1. **Identify Your Research Question:** What are you trying to prove or compare? Are you comparing means, medians, or testing for an association?
   
2. **Understand the Type of Data:** 
   - Is your data continuous or categorical?
   - How many groups or variables are you comparing?

3. **Check Data Distribution:**
   - If the data is normally distributed, use parametric tests.
   - If the data is not normally distributed, use non-parametric tests.

4. **Sample Size Considerations:**
   - For small samples, prefer non-parametric tests.
   - For larger samples, parametric tests are generally more powerful.

5. **Run the Appropriate Test in Python:** 
   - Import `scipy.stats` or `statsmodels` depending on the test.
   - Use the appropriate function to conduct the test.

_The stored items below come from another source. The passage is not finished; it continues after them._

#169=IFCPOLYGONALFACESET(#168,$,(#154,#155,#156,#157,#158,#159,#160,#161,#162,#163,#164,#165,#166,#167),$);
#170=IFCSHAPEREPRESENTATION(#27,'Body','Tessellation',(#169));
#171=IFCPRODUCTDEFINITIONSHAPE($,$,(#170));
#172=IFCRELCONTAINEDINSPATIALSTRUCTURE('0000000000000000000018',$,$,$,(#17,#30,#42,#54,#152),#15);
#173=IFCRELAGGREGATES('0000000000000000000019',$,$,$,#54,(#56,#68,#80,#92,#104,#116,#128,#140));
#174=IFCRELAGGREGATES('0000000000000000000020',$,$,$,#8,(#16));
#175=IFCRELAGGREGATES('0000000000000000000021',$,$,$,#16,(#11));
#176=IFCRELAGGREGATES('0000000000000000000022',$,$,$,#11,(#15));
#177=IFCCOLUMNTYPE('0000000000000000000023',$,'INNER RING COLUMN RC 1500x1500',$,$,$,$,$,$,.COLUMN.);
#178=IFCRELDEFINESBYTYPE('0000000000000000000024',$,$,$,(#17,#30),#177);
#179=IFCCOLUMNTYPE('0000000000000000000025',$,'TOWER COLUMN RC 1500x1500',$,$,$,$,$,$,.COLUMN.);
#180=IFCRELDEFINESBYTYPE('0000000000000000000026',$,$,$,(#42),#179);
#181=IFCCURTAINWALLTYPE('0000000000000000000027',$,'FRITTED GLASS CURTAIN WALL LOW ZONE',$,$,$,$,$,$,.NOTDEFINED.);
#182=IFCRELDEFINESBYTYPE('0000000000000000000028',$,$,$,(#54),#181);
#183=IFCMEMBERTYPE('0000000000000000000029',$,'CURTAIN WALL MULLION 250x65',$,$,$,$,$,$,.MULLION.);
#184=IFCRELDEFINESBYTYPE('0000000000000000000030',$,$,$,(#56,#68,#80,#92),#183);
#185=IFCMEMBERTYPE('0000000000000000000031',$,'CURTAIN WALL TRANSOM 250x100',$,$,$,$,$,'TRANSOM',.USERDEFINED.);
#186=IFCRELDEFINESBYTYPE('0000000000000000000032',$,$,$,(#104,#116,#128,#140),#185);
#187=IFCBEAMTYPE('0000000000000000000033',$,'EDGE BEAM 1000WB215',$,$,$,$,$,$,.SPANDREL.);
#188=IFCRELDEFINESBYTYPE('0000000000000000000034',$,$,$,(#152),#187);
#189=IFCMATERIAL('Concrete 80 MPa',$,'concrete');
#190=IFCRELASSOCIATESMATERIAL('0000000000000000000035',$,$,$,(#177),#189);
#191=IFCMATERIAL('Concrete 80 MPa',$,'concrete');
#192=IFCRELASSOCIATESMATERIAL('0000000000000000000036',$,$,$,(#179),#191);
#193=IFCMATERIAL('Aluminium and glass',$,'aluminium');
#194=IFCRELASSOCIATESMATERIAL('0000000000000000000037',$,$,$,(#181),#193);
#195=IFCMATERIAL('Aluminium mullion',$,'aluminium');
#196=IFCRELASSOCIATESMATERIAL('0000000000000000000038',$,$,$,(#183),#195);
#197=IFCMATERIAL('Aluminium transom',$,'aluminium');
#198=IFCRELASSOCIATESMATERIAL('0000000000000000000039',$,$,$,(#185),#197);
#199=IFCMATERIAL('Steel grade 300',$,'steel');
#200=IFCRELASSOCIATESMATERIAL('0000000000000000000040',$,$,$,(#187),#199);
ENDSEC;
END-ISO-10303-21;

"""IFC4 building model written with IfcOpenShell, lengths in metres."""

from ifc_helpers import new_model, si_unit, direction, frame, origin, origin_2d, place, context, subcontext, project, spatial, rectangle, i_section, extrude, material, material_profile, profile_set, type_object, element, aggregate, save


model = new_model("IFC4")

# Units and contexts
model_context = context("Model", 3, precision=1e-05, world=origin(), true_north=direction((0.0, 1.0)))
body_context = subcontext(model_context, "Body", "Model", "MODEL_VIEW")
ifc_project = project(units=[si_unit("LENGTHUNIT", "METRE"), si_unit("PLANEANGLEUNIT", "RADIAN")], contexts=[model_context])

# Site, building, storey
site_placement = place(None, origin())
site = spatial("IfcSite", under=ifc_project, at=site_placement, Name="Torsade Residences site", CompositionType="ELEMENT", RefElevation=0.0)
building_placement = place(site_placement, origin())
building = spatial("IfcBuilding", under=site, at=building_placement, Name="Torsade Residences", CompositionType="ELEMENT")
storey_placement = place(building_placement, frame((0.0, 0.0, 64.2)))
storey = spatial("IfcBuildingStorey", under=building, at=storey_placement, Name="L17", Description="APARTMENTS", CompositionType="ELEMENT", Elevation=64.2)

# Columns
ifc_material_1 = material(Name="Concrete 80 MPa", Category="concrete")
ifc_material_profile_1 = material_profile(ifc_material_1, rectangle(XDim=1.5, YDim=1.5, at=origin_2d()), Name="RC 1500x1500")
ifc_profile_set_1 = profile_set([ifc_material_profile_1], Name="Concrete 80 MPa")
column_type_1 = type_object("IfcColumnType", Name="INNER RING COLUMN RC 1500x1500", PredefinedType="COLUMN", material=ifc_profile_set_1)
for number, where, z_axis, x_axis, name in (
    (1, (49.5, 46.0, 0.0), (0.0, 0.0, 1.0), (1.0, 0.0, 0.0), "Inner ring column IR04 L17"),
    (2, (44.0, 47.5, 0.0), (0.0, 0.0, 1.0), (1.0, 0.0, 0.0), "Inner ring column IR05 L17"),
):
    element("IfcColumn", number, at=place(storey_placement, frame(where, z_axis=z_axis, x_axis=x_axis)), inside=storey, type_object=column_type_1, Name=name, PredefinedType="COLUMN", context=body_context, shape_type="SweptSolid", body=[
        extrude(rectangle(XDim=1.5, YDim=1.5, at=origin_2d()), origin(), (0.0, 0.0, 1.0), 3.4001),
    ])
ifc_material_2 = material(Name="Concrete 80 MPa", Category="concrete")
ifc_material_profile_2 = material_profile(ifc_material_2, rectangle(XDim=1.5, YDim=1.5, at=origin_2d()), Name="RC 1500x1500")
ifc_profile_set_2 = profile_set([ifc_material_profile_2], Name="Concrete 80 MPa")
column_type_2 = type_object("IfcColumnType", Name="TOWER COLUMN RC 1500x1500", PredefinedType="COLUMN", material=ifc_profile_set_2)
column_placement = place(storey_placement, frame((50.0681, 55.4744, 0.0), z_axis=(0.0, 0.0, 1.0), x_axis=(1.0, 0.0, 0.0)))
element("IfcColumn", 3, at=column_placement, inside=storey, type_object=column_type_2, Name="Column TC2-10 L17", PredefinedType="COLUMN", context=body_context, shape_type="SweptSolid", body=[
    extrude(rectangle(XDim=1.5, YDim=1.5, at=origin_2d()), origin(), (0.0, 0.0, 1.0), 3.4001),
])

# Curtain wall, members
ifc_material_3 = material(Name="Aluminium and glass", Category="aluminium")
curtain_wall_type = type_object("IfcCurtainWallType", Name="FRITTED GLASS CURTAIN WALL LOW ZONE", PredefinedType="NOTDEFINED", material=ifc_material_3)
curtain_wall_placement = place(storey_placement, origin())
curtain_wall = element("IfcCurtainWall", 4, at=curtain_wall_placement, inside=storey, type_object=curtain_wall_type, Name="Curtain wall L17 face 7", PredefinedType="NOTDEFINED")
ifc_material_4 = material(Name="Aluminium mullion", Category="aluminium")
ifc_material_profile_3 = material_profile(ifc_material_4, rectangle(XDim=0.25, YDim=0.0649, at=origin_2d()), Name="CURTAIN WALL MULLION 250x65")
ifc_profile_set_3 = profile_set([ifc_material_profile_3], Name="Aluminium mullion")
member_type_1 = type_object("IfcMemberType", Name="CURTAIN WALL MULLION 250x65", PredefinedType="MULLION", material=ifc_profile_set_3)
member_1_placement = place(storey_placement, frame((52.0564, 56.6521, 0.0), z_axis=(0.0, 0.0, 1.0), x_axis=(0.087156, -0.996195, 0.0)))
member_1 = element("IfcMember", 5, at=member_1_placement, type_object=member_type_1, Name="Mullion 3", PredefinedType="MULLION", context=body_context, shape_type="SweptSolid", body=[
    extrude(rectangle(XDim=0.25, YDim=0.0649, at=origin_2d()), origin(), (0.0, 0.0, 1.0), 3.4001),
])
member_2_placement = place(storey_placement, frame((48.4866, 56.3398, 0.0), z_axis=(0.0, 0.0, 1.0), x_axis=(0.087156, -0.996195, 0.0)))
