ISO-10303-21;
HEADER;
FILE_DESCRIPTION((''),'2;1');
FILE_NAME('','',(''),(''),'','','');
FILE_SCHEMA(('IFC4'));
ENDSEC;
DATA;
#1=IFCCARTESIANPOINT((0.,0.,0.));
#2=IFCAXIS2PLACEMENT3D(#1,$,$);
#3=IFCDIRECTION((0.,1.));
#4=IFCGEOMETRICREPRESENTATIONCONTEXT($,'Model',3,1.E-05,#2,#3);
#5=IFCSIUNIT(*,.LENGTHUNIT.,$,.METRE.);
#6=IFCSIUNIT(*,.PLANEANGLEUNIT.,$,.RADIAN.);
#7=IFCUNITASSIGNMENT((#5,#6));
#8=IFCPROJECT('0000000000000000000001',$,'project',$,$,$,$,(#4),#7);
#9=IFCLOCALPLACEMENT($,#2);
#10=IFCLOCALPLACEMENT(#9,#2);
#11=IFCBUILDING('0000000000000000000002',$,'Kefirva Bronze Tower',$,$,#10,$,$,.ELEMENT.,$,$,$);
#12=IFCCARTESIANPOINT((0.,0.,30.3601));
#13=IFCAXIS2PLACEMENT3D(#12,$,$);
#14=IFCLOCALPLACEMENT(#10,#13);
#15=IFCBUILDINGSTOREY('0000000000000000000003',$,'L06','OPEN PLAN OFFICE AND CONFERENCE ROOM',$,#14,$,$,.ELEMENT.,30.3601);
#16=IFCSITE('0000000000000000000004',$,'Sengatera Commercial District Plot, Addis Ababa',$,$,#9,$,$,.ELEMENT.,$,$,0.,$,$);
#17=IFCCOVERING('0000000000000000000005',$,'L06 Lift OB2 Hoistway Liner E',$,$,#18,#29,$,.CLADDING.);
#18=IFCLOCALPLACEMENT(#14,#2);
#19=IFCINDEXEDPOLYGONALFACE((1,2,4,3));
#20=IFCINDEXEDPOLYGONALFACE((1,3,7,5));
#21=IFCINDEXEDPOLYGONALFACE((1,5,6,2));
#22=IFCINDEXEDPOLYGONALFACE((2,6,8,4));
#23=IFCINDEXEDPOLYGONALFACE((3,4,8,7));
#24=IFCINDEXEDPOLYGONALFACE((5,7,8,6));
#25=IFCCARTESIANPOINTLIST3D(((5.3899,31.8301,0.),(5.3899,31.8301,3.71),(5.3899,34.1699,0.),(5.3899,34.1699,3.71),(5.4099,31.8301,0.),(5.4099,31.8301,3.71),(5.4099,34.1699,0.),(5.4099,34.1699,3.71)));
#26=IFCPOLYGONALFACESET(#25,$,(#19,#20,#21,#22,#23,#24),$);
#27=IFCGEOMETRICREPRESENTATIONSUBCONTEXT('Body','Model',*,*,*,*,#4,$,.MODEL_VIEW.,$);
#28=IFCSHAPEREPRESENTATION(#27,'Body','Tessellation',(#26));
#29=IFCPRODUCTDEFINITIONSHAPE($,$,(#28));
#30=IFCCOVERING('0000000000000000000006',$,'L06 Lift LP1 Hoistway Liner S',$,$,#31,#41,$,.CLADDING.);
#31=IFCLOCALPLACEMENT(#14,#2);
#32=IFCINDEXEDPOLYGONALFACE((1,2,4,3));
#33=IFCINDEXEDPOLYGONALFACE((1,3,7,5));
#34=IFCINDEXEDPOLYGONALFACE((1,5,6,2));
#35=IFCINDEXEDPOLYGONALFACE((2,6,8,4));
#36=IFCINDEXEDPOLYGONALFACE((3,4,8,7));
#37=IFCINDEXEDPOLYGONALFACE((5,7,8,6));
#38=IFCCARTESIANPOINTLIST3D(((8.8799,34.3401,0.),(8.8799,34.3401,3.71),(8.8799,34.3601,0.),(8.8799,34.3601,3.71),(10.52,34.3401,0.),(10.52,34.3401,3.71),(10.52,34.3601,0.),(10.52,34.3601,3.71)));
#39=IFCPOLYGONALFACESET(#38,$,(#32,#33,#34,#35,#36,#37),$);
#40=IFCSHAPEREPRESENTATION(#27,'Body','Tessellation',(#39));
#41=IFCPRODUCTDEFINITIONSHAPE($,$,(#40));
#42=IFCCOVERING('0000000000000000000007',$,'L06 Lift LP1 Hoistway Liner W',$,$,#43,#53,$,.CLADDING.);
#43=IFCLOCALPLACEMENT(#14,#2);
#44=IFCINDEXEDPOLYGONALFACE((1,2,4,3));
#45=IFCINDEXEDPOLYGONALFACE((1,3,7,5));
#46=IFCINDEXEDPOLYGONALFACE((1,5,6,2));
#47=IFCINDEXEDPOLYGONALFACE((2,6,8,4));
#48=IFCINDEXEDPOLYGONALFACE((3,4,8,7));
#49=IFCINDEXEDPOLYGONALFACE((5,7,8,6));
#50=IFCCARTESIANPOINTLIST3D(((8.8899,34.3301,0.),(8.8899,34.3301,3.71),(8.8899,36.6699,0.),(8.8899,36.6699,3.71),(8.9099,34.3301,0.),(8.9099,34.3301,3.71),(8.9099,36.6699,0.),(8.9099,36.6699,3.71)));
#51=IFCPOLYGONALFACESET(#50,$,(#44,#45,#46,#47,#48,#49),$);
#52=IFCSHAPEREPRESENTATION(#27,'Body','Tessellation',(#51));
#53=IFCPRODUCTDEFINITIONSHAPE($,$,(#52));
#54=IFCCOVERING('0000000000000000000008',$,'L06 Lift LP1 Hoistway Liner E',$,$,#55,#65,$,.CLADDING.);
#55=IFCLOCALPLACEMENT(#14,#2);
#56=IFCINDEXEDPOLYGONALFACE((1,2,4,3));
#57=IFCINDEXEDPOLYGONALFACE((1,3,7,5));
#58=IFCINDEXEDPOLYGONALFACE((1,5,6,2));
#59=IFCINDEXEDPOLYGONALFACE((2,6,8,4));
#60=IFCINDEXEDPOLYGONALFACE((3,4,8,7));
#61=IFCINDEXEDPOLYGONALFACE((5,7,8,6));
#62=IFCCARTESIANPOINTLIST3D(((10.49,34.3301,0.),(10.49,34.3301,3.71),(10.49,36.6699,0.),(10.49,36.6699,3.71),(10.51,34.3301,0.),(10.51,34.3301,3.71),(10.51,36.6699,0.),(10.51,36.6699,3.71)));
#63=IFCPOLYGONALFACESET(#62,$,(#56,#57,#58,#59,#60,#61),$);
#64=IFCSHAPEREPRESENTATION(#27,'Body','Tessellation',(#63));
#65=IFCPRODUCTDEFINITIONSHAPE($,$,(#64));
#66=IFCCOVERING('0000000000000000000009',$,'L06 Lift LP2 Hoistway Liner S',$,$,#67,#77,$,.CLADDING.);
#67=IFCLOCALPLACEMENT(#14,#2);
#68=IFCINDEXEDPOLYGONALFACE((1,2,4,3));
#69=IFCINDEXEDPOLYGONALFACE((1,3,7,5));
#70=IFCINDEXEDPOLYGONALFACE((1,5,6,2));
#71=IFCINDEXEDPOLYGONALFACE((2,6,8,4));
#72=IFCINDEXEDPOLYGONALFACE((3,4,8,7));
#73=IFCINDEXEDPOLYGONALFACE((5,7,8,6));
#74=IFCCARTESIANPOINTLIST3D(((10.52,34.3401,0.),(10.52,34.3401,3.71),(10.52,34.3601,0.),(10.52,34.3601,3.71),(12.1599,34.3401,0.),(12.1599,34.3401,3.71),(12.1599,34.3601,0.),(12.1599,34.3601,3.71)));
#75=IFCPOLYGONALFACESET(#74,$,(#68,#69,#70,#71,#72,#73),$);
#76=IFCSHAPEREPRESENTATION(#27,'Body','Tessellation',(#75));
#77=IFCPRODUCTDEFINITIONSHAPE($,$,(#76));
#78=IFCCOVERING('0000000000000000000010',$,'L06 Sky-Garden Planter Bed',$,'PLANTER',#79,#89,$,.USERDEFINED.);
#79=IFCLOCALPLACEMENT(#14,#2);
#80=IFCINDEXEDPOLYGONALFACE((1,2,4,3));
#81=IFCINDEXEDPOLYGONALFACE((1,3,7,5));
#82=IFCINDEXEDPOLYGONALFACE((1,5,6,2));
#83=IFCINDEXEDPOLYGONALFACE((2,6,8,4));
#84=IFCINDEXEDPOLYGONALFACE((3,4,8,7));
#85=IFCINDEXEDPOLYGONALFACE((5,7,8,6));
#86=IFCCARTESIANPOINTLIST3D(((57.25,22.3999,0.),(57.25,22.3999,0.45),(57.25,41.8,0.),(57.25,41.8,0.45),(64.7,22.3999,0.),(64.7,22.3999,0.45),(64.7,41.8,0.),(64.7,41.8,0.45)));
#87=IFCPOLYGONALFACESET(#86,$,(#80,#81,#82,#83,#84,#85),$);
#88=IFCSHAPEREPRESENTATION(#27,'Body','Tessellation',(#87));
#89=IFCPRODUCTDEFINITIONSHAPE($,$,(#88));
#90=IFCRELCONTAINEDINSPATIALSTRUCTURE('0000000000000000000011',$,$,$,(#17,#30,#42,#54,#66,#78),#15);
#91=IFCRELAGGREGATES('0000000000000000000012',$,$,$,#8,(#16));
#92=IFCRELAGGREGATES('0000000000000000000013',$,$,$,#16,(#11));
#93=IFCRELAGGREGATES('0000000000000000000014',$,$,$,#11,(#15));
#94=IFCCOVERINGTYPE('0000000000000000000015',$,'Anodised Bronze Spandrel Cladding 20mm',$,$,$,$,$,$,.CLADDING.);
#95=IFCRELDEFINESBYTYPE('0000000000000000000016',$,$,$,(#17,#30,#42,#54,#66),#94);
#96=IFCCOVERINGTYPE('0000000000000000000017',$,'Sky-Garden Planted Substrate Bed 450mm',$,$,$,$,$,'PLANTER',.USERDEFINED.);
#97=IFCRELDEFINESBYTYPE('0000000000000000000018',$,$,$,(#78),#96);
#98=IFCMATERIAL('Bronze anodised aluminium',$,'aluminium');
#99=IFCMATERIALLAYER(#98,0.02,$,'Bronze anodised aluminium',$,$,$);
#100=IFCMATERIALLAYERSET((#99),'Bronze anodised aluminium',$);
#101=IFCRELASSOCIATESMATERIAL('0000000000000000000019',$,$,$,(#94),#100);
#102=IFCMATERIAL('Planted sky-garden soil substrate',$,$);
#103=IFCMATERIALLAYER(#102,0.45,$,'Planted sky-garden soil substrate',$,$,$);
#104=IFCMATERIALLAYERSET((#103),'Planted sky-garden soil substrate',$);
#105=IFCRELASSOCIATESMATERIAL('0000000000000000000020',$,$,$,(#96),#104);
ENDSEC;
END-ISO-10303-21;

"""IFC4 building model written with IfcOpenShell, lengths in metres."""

from ifc_helpers import new_model, si_unit, direction, frame, origin, place, context, subcontext, project, spatial, polyline, outline, extrude, material, layer, layer_set, type_object, element, save


model = new_model("IFC4")

# Units and contexts
model_context = context("Model", 3, precision=1e-05, world=origin(), true_north=direction((0.0, 1.0)))
body_context = subcontext(model_context, "Body", "Model", "MODEL_VIEW")
ifc_project = project(units=[si_unit("LENGTHUNIT", "METRE"), si_unit("PLANEANGLEUNIT", "RADIAN")], contexts=[model_context])

# Site, building, storey
site_placement = place(None, origin())
site = spatial("IfcSite", under=ifc_project, at=site_placement, Name="Sengatera Commercial District Plot, Addis Ababa", CompositionType="ELEMENT", RefElevation=0.0)
building_placement = place(site_placement, origin())
building = spatial("IfcBuilding", under=site, at=building_placement, Name="Kefirva Bronze Tower", CompositionType="ELEMENT")
storey_placement = place(building_placement, frame((0.0, 0.0, 30.3601)))
storey = spatial("IfcBuildingStorey", under=building, at=storey_placement, Name="L06", Description="OPEN PLAN OFFICE AND CONFERENCE ROOM", CompositionType="ELEMENT", Elevation=30.3601)

# Coverings
ifc_material_1 = material(Name="Bronze anodised aluminium", Category="aluminium")
ifc_layer_1 = layer(ifc_material_1, 0.02, Name="Bronze anodised aluminium")
ifc_layer_set_1 = layer_set([ifc_layer_1], Name="Bronze anodised aluminium")
covering_type_1 = type_object("IfcCoveringType", Name="Anodised Bronze Spandrel Cladding 20mm", PredefinedType="CLADDING", material=ifc_layer_set_1)
covering_1_placement = place(storey_placement, origin())
element("IfcCovering", 1, at=covering_1_placement, inside=storey, type_object=covering_type_1, Name="L06 Lift OB2 Hoistway Liner E", PredefinedType="CLADDING", context=body_context, shape_type="SweptSolid", body=[
    extrude(outline(polyline([(5.3899, 31.8301), (5.4099, 31.8301), (5.4099, 34.1699), (5.3899, 34.1699), (5.3899, 31.8301)])), origin(), (0.0, 0.0, 1.0), 3.71),
])
covering_2_placement = place(storey_placement, origin())
element("IfcCovering", 2, at=covering_2_placement, inside=storey, type_object=covering_type_1, Name="L06 Lift LP1 Hoistway Liner S", PredefinedType="CLADDING", context=body_context, shape_type="SweptSolid", body=[
    extrude(outline(polyline([(8.8799, 34.3401), (10.52, 34.3401), (10.52, 34.3601), (8.8799, 34.3601), (8.8799, 34.3401)])), origin(), (0.0, 0.0, 1.0), 3.71),
])
covering_3_placement = place(storey_placement, origin())
element("IfcCovering", 3, at=covering_3_placement, inside=storey, type_object=covering_type_1, Name="L06 Lift LP1 Hoistway Liner W", PredefinedType="CLADDING", context=body_context, shape_type="SweptSolid", body=[
    extrude(outline(polyline([(8.8899, 34.3301), (8.9099, 34.3301), (8.9099, 36.6699), (8.8899, 36.6699), (8.8899, 34.3301)])), origin(), (0.0, 0.0, 1.0), 3.71),
])
covering_4_placement = place(storey_placement, origin())
element("IfcCovering", 4, at=covering_4_placement, inside=storey, type_object=covering_type_1, Name="L06 Lift LP1 Hoistway Liner E", PredefinedType="CLADDING", context=body_context, shape_type="SweptSolid", body=[
    extrude(outline(polyline([(10.49, 34.3301), (10.51, 34.3301), (10.51, 36.6699), (10.49, 36.6699), (10.49, 34.3301)])), origin(), (0.0, 0.0, 1.0), 3.71),
])
covering_5_placement = place(storey_placement, origin())
element("IfcCovering", 5, at=covering_5_placement, inside=storey, type_object=covering_type_1, Name="L06 Lift LP2 Hoistway Liner S", PredefinedType="CLADDING", context=body_context, shape_type="SweptSolid", body=[
    extrude(outline(polyline([(10.52, 34.3401), (12.1599, 34.3401), (12.1599, 34.3601), (10.52, 34.3601), (10.52, 34.3401)])), origin(), (0.0, 0.0, 1.0), 3.71),
])
ifc_material_2 = material(Name="Planted sky-garden soil substrate")
ifc_layer_2 = layer(ifc_material_2, 0.45, Name="Planted sky-garden soil substrate")
ifc_layer_set_2 = layer_set([ifc_layer_2], Name="Planted sky-garden soil substrate")
covering_type_2 = type_object("IfcCoveringType", Name="Sky-Garden Planted Substrate Bed 450mm", ElementType="PLANTER", PredefinedType="USERDEFINED", material=ifc_layer_set_2)
covering_6_placement = place(storey_placement, origin())
element("IfcCovering", 6, at=covering_6_placement, inside=storey, type_object=covering_type_2, Name="L06 Sky-Garden Planter Bed", ObjectType="PLANTER", PredefinedType="USERDEFINED", context=body_context, shape_type="SweptSolid", body=[
    extrude(outline(polyline([(57.25, 22.3999), (64.7, 22.3999), (64.7, 41.8), (57.25, 41.8), (57.25, 22.3999)])), origin(), (0.0, 0.0, 1.0), 0.45),
])

save(model, "model.ifc")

### Example Implementations in Python

1. **One-Sample t-test:**

   ```python
   import scipy.stats as stats

   data = [2.3, 2.5, 2.8, 2.1, 2.7]
   popmean = 2.5
   t_statistic, p_value = stats.ttest_1samp(data, popmean)
   ```

2. **Mann-Whitney U Test:**

   ```python
   import scipy.stats as stats

   data1 = [2.3, 2.5, 2.8, 2.1, 2.7]
   data2 = [3.1, 3.3, 3.2, 3.0, 3.4]
   u_statistic, p_value = stats.mannwhitneyu(data1, data2)
   ```

3. **Chi-Square Test:**

   ```python
   import scipy.stats as stats

   # Contingency table
   table = [[10, 20, 30], [6, 9, 17]]
   chi2, p, dof, expected = stats.chi2_contingency(table)
   ```

By following these steps and using the appropriate tests in Python, you can conduct hypothesis testing accurately and draw meaningful conclusions from your data.